Hive accesses table data in HBase, essentially reading HBase table data through MapReduce. The realization is that in MR, HiveHBaseTableInputFormat is used to complete the segmentation of HBase table and obtain RecordReader objects to read data.

's principle of splitting the HBASE table: a region is split into a split, that is, there are as many region,MapReduce as there are map task in the table.

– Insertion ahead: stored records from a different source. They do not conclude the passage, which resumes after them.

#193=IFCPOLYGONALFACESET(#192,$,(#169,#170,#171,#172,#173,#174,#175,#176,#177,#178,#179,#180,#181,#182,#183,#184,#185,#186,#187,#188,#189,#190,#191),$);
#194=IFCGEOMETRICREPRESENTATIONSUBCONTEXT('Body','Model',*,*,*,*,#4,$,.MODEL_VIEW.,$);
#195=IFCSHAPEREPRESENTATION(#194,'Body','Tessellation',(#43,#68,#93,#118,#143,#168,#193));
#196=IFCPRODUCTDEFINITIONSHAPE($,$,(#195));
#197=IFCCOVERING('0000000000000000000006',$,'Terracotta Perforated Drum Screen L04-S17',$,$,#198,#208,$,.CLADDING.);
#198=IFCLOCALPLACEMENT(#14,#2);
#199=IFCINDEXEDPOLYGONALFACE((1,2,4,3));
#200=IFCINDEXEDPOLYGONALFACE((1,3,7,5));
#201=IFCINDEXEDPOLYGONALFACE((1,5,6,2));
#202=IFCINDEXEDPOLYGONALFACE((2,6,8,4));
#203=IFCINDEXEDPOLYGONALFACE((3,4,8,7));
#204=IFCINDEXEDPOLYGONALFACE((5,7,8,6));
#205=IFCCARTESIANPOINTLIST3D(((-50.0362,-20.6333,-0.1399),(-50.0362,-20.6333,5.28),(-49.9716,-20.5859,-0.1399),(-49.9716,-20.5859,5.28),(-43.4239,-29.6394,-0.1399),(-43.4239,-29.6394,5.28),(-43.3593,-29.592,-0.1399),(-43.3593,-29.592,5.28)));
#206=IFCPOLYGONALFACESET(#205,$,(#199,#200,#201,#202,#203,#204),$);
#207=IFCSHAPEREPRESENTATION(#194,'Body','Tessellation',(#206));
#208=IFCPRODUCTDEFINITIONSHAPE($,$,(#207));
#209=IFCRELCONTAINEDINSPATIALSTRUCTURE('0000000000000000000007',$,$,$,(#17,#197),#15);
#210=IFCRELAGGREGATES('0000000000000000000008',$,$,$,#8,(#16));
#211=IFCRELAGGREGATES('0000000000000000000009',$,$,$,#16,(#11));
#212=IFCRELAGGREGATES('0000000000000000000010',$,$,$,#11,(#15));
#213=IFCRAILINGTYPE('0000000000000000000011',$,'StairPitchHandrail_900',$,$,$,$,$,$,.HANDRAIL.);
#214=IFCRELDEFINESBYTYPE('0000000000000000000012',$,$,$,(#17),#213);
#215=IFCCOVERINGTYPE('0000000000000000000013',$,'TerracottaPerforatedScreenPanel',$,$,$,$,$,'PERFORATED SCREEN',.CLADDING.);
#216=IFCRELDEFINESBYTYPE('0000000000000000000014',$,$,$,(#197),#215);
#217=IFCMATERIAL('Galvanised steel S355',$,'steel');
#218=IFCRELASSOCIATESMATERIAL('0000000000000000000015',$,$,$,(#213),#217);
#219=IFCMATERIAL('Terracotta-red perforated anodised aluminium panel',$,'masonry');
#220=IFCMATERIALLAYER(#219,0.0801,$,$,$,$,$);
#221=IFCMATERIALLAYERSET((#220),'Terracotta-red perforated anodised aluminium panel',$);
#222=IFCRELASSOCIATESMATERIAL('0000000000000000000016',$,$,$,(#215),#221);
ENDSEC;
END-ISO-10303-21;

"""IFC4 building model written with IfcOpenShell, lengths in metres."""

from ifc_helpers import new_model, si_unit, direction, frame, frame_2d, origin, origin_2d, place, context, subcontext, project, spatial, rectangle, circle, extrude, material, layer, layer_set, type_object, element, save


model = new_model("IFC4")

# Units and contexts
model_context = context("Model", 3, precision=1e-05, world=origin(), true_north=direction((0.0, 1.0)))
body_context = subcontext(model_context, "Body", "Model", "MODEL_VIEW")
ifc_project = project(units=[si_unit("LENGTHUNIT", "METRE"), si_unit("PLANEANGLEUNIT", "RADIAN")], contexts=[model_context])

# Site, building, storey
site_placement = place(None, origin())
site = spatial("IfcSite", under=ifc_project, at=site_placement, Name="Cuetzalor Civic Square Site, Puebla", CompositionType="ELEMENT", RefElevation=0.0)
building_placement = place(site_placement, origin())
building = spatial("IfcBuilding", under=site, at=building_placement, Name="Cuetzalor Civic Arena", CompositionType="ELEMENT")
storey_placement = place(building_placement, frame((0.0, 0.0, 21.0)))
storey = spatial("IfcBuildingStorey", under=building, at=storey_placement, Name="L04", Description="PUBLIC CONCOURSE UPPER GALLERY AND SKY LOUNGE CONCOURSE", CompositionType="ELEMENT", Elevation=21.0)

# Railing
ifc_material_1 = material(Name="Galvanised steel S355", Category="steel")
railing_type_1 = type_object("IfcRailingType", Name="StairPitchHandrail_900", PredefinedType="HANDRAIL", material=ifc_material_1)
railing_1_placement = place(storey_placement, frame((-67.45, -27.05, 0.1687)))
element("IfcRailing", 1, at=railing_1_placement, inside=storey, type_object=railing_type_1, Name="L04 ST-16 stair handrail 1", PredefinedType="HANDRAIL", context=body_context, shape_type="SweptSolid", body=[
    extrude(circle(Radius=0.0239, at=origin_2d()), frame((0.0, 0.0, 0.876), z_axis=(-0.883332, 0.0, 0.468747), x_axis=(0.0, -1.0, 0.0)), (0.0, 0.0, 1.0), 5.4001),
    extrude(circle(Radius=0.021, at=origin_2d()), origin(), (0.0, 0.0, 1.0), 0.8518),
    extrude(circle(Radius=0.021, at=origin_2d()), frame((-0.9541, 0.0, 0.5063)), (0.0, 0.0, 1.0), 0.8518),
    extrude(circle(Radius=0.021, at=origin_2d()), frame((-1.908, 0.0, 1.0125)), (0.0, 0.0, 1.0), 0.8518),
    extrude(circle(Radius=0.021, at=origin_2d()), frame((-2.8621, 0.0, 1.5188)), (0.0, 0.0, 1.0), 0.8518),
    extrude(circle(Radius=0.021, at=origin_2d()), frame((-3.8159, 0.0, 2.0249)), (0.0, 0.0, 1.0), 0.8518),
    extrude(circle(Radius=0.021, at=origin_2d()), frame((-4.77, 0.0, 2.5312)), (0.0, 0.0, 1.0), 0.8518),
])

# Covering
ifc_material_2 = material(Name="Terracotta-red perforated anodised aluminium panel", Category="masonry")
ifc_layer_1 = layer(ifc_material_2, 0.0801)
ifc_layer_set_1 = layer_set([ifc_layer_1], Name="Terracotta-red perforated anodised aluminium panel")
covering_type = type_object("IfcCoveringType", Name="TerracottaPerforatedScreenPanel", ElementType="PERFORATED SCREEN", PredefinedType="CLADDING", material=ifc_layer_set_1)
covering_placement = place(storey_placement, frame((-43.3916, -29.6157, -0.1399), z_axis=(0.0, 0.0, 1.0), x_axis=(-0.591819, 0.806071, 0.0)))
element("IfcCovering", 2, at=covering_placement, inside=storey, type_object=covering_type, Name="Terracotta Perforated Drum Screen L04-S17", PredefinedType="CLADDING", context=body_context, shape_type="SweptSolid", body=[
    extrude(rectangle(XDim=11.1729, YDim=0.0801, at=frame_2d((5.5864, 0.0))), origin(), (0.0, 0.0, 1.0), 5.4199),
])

reads HBASE table data through scanner, and scans the table. If there is a filter condition, it is converted to filter. When the filter condition is rowkey, it is converted to rowkey filtering.

Specific operations:

# specify the address of the zookeeper cluster used by hbase: the default port is 2181. You can leave it unwritten: hive > set hbase.zookeeper.quorum=hadoop02:2181,hadoop03:2181,hadoop04:2181;# specify the root directory hive > set zookeeper.znode.parent=/hbase that hbase uses in zookeeper. # create hive table based on HBase table hive > create external table mingxing (rowkey string, base_info map, extra_info map) row format delimited fields terminated by'\ t'> stored by 'org.apache.hadoop.hive.hbase.HBaseStorageHandler' > with serdeproperties ("hbase.columns.mapping" = ": key,base_info:,extra_info:") > tblproperties ("hbase.table.name" = "mingxing", "hbase.mapred.output.outputtable" = "mingxing") # ps:org.apache.hadoop.hive.hbase.HBaseStorageHandler: processor handling hive-to-hbase conversion relationship # ps:hbase.columns.mapping: defines hbase column clusters and column-to-hive mapping # ps:hbase.table.name:hbase table name

Although hive integrates hbase, the actual data is still stored on hbase, and the corresponding file under the corresponding table directory of hive is empty, but every time data is added in hbase, hive will update the corresponding fields when it executes the table query.

Welcome to subscribe "Shulou Technology Information " to get latest news, interesting things and hot topics in the IT industry, and controls the hottest and latest Internet news, technology news and IT industry trends.

*The comments in the above article only represent the author's personal views and do not represent the views and positions of this website. If you have more insights, please feel free to contribute and share.